The CFC monoblock component could not be tested above 12 MW m−2 without any degradation of the module. This is due to the relatively low bulk temperature of the carbon material close to the coolant tube, which prevents recovery of irradiation-induced defects. For the flat tile design, this limit was somewhat higher (15 MW m−2).
The tungsten monoblock module has demonstrated the best irradiation performance; here, the neutron-exposed PFC could tolerate ITER-like fluences of 1025n m−2 without fatigue failure up to heat flux densities of 18 MW m−2. These very promising results indicate that tungsten monoblock targets might also be a good choice for future fusion experiments with even higher neutron damage rates.
VI. SUMMARY AND CONCLUSIONS
The extremely harsh environment in future fusion reactors—high stationary and transient thermal loads, hydrogen and helium bombardment, 14 MeV neutrons—puts strong demands on the selection of PFMs and the manufacture of actively cooled components with a long expected lifetime. Up to now, materials research in the field of thermonuclear fusion has been done primarily in laboratories and in test facilities that have focused primarily on individual effects only, such as thermal fatigue, thermal shocks during transient events, plasma exposure, and neutron irradiation tests. Today, emphasis is also laid on synergistic effects such as high thermal loads under plasma exposure or simultaneous thermal and neutron wall loads (see Fig. 21).
Synergies between thermal loads plus plasma exposure: Here, plasma-induced processes such as blister or bubble formation, hydrogen embrittlement, or the growth of He nanobubble layers or of fuzz on the plasma-exposed surface have a negative impact on resistance to intense thermal loads.
Synergies between thermal loads plus neutrons: Neutron-induced material degradation such as reduced thermal conductivity, transmutation effects, embrittlement, and increased ductile–brittle transition temperature have a strong impact on the high-heat-flux performance of wall components, both under steady-state conditions and under intense transients.
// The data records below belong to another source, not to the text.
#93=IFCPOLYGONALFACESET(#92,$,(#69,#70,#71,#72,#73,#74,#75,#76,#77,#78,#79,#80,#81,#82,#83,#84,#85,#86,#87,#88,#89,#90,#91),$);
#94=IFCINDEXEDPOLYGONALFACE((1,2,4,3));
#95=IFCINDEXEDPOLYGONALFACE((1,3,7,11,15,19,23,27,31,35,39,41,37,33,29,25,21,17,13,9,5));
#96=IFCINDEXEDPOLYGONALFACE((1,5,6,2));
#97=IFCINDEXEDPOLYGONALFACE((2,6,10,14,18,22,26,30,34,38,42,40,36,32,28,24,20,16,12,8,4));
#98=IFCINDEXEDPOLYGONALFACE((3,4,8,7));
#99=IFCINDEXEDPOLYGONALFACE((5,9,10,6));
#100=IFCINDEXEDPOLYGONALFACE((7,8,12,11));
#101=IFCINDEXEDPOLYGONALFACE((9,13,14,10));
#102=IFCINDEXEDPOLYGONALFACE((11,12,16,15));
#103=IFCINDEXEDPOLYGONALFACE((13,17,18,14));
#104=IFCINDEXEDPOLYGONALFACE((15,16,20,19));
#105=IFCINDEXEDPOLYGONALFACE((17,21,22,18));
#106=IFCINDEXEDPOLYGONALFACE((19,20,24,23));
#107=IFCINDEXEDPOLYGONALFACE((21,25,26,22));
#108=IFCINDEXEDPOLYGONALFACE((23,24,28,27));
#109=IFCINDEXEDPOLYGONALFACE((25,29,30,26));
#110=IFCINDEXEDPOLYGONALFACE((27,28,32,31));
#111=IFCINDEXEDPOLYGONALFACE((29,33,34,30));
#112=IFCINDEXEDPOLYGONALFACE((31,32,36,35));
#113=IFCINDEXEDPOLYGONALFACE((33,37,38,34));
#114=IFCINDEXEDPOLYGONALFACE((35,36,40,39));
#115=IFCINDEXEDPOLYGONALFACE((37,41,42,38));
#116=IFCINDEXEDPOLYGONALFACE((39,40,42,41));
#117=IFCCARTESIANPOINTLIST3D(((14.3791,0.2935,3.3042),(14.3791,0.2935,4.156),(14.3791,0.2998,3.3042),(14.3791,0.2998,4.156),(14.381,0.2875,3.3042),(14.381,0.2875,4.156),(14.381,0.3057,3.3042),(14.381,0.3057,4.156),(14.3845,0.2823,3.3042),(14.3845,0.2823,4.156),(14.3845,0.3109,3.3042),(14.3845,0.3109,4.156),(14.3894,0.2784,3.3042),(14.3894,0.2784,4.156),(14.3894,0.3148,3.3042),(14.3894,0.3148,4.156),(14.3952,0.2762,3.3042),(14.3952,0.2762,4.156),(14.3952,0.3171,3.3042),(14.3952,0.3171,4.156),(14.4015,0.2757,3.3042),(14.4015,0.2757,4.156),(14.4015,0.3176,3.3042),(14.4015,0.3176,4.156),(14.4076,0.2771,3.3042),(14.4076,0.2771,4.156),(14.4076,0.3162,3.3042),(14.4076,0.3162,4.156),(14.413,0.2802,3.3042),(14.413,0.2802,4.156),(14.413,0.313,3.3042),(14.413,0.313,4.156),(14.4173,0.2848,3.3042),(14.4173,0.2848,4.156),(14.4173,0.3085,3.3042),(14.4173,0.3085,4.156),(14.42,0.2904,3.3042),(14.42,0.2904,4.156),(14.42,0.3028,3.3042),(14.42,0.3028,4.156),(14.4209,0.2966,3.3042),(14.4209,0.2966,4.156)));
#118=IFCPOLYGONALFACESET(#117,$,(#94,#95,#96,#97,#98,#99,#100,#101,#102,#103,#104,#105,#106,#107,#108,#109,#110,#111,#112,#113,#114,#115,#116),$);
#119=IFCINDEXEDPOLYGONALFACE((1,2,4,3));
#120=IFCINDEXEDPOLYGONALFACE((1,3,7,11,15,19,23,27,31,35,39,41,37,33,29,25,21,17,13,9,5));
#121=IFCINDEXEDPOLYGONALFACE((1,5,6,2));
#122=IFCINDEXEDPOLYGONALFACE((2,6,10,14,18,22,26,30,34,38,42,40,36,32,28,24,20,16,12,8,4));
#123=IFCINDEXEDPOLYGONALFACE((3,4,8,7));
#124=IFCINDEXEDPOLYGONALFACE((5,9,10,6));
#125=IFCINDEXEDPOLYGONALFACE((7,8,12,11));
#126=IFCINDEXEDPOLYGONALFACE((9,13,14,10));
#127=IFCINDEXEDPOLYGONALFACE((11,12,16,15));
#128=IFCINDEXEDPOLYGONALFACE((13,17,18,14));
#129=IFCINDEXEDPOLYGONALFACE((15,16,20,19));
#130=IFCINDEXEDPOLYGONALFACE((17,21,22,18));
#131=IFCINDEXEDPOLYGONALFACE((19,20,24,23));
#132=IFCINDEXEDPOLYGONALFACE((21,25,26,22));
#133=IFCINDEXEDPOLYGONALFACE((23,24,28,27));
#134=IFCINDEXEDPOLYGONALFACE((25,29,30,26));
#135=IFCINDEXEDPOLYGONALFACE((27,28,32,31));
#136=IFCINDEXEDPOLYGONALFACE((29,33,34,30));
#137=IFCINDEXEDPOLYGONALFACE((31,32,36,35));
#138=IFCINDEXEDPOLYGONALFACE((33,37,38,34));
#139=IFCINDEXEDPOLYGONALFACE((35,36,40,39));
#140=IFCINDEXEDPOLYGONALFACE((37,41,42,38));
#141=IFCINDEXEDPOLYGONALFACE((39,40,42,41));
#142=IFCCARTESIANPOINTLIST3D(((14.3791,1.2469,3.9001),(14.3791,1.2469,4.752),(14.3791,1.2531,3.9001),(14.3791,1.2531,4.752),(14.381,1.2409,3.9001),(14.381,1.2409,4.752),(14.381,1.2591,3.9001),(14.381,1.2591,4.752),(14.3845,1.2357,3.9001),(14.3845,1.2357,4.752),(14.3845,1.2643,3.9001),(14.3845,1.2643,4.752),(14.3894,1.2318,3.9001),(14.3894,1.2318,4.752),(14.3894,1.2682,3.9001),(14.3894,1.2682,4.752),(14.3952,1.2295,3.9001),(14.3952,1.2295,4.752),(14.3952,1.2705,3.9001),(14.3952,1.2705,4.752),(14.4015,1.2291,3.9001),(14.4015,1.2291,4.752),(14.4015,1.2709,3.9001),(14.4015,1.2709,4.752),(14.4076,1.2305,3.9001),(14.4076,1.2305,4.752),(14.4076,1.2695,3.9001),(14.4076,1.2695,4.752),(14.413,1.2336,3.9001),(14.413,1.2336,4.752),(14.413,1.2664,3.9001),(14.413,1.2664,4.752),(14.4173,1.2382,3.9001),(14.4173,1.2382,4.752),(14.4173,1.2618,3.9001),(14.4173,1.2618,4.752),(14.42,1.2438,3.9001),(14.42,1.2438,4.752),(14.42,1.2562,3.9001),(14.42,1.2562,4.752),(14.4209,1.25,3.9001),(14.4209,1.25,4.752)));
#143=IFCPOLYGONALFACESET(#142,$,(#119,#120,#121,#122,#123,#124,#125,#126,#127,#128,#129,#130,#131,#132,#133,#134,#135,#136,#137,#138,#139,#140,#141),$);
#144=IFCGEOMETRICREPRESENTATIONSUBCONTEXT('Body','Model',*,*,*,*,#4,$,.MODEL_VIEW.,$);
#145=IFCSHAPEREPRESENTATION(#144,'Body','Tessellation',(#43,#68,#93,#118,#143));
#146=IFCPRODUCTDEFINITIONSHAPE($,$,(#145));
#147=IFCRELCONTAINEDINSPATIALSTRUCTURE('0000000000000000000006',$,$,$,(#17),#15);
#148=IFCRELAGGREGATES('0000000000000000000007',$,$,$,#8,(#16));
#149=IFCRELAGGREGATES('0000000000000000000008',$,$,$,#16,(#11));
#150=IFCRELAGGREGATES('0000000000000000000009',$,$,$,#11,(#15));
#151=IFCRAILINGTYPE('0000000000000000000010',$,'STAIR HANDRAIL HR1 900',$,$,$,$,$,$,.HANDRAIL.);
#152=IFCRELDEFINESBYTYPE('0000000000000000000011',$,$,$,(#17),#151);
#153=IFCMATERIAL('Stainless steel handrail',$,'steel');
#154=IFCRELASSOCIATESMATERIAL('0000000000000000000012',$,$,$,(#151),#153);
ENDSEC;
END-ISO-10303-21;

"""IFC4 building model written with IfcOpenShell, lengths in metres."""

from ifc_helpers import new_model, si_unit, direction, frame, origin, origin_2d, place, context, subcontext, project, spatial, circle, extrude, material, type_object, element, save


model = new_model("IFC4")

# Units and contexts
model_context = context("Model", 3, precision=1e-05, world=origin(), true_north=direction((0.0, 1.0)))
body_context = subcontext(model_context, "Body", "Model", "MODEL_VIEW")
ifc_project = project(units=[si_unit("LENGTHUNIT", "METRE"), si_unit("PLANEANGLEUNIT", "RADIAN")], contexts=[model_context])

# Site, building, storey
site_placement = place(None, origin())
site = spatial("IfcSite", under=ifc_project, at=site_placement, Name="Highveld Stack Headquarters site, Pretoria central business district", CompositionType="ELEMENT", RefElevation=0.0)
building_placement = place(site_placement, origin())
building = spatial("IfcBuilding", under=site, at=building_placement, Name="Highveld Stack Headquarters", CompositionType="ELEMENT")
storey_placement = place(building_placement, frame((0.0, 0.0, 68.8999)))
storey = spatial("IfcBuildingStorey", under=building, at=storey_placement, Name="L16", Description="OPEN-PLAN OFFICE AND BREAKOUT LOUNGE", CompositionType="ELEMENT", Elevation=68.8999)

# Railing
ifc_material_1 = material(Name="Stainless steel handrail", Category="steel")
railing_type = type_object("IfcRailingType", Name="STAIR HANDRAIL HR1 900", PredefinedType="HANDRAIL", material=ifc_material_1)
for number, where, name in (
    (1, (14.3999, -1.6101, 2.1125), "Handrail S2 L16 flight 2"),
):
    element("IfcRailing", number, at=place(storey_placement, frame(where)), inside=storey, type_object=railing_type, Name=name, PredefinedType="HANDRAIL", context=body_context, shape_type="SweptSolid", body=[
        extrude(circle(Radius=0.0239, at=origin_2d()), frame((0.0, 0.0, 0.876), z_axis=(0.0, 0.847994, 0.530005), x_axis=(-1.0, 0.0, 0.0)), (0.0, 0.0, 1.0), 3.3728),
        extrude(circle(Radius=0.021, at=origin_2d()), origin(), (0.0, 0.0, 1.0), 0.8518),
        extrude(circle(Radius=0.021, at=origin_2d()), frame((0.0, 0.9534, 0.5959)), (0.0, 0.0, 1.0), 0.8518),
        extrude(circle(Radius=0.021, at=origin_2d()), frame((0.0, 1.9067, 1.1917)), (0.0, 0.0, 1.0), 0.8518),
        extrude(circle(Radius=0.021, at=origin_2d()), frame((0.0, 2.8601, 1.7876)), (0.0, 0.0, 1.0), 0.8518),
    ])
Synergies between plasma exposure plus neutrons: Research on this third synergism, namely, the interaction of plasma exposure with neutron-induced effects, has not been discussed here. In this area, future research should be directed toward the trapping of H and He in neutron-induced defects, the formation and influence of transmutation products, etc.
The results described in this paper indicate that material degradation is accelerated when synergistic effects are taken into consideration. Therefore, future experiments should also focus more strongly on these effects. New multipurpose test devices that enable simultaneous exposure with fusion-relevant ion fluxes and in situ thermal loading and that are well diagnosed are now available. The integration of these high-heat-flux and plasma devices into a powerful neutron source with a fusion-relevant energy spectrum would clearly go beyond current technical and financial limits. Alternatively, test specimens (including miniaturized PFCs) must be irradiated in qualified neutron sources (material test reactors, spallation neutron sources, or later in IFMIF) to allow investigation by the above-mentioned multipurpose test devices.
The ideal, comprehensive testbed that enables simultaneous thermal loads, plasma exposure, and neutron irradiation (the yellow triangle in Fig. 21) is the D-T-burning fusion reactor itself. Although ongoing research is driven primarily by magnetic confinement fusion activities, in the near future it should also be adapted and applied to ICF-relevant conditions.